L’X fragile résulte d’une anomalie moléculaire. Dans 99,5% des cas, l’expansion massive d’un triplet CGG est
localisé dans le premier exon non-traduit du gène FMR1. Dans la population normale, il y a 6 à 50 répétitions. Quand
la mutation est complète : il y a 230 à plus de 1000 répétitions. Le triplet CGG s’amplifie plus dans les gamètes
maternels. Les sujets normaux avec 60 à 200 répétitions sont dans un état de prémutation qui favorise l’apparition
d’une mutation délétère dans la descendance.

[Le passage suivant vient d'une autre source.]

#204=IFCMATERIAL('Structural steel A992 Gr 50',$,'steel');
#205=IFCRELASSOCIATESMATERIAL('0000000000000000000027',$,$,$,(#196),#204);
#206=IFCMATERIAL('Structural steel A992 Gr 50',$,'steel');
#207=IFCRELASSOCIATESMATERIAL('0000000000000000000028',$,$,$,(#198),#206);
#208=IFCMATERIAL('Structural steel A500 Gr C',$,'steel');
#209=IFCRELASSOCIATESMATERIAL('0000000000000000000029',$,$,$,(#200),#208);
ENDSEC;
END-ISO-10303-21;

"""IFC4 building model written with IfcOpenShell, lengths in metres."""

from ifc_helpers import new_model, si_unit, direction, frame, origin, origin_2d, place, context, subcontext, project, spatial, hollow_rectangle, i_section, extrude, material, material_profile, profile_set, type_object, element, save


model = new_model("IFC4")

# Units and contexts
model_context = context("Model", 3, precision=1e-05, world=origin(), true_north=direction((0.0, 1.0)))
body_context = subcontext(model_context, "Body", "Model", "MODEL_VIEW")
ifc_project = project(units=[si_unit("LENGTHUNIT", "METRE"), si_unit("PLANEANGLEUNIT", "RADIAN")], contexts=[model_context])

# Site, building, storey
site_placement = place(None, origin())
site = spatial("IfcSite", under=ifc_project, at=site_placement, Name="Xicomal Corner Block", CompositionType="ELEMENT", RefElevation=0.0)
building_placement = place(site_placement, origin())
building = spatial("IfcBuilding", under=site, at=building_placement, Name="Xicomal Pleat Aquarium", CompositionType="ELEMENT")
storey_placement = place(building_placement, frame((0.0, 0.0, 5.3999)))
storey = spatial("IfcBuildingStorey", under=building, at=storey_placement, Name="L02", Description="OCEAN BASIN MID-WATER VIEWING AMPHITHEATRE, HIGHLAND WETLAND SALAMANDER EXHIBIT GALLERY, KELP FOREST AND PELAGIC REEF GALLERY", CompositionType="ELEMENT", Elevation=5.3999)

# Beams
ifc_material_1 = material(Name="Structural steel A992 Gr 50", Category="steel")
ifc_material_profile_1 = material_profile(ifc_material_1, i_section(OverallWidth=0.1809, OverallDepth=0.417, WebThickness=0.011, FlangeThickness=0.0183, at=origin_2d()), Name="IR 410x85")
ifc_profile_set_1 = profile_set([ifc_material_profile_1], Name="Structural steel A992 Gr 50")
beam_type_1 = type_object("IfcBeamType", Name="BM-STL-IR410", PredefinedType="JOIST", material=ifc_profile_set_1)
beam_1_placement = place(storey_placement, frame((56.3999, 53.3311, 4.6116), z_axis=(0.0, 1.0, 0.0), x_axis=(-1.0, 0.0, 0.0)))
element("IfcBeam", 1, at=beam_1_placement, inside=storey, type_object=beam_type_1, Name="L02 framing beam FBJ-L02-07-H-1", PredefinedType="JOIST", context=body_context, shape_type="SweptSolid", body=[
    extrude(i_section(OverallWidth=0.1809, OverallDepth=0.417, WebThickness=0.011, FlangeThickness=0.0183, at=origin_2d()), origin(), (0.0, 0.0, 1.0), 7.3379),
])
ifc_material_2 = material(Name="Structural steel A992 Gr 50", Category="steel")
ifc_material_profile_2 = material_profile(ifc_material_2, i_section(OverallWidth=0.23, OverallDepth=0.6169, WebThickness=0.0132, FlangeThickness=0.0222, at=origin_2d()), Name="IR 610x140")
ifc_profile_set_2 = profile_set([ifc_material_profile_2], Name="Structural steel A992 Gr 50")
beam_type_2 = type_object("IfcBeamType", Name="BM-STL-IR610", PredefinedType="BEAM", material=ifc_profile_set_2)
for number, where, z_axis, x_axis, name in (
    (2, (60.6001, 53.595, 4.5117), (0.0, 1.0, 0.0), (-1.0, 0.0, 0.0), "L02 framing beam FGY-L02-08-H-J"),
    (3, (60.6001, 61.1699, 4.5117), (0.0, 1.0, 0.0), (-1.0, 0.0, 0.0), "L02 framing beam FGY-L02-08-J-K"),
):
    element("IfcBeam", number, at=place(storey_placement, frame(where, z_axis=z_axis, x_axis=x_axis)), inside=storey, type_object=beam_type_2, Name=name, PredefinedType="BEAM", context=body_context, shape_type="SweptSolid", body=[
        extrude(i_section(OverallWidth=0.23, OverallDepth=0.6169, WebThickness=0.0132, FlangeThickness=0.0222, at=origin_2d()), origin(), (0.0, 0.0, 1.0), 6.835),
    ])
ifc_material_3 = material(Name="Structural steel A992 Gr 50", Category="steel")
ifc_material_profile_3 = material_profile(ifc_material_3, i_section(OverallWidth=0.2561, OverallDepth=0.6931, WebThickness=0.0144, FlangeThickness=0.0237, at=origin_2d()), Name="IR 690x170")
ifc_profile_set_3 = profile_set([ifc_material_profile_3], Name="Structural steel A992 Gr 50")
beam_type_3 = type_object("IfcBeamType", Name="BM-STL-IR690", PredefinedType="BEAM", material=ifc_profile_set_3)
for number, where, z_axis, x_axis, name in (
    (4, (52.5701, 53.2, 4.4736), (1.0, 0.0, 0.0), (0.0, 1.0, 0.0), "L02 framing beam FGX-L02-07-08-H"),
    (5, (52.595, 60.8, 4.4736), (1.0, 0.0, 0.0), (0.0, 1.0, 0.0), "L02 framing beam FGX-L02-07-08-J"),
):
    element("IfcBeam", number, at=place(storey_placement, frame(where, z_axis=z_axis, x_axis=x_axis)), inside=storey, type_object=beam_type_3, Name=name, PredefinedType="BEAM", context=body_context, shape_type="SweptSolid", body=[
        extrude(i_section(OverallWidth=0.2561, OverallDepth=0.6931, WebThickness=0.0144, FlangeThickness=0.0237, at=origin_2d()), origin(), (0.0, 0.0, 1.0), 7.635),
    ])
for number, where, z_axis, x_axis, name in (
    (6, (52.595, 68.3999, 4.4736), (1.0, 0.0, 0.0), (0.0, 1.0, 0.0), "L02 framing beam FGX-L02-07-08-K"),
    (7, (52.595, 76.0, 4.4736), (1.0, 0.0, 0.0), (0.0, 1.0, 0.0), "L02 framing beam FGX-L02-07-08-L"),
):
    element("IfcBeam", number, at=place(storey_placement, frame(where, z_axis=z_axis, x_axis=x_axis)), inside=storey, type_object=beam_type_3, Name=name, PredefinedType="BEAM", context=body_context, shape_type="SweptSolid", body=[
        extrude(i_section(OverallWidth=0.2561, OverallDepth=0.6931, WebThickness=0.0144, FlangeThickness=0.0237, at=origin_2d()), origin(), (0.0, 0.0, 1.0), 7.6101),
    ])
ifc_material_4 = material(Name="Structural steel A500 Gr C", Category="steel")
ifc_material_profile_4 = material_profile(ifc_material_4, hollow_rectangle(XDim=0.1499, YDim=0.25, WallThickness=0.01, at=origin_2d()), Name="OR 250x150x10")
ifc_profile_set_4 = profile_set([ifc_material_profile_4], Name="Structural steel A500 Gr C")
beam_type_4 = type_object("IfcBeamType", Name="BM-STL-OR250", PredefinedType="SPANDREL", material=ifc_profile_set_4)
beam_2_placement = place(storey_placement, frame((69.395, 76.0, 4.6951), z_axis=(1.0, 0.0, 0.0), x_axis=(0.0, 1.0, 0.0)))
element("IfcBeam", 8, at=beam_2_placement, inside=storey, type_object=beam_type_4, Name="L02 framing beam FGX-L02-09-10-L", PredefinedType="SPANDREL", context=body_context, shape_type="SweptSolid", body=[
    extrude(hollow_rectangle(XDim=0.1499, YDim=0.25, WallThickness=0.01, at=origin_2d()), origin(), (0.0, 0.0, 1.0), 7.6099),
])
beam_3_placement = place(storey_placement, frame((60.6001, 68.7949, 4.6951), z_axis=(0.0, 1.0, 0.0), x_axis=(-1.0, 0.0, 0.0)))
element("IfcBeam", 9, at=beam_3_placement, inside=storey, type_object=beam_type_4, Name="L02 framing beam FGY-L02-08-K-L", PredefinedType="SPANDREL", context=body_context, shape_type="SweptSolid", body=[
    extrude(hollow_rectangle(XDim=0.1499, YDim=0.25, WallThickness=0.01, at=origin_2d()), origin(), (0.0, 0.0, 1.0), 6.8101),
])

Le gène FMR1 normal code pour la protéine FMRP normale : un transporteur d’ARN (RNA binding protein), ou
represseur d’ARN,impliqué dans la synaptogénèse et la dendritogénèse. Elle permet le transport des ARN le long de
l’axone afin qu’ils soient traduits à proximité de la synapse : il s’agit d’un système de régulation pour la plasticité
cérébrale. Une dysfonction ou une absence de la protéine FMRP entraine une déficience mentale.
En cas de prémutation, l’amplification du triplet CGG entraine une méthylation de l’ADN : production d’une
protéine anormale et mal régulée. Les individus prémutés sont symptomatiques à partir de 40 ans. Les hommes
présentent une ataxie (visualisation par IRM de la substance blanche), un tremblement (pseudo parkinson) : la
prévalence est de 1/3000. Les femmes ont une ménopause précoce. Lorsqu’il y a plus de 230 CGG, la méthylation est
telle que la protéine n’est pas du tout produite. Les individus sont symptomatiques avant 10 ans : syndrome de l’X
fragile pour les hommes et déficience mentale pour les femmes.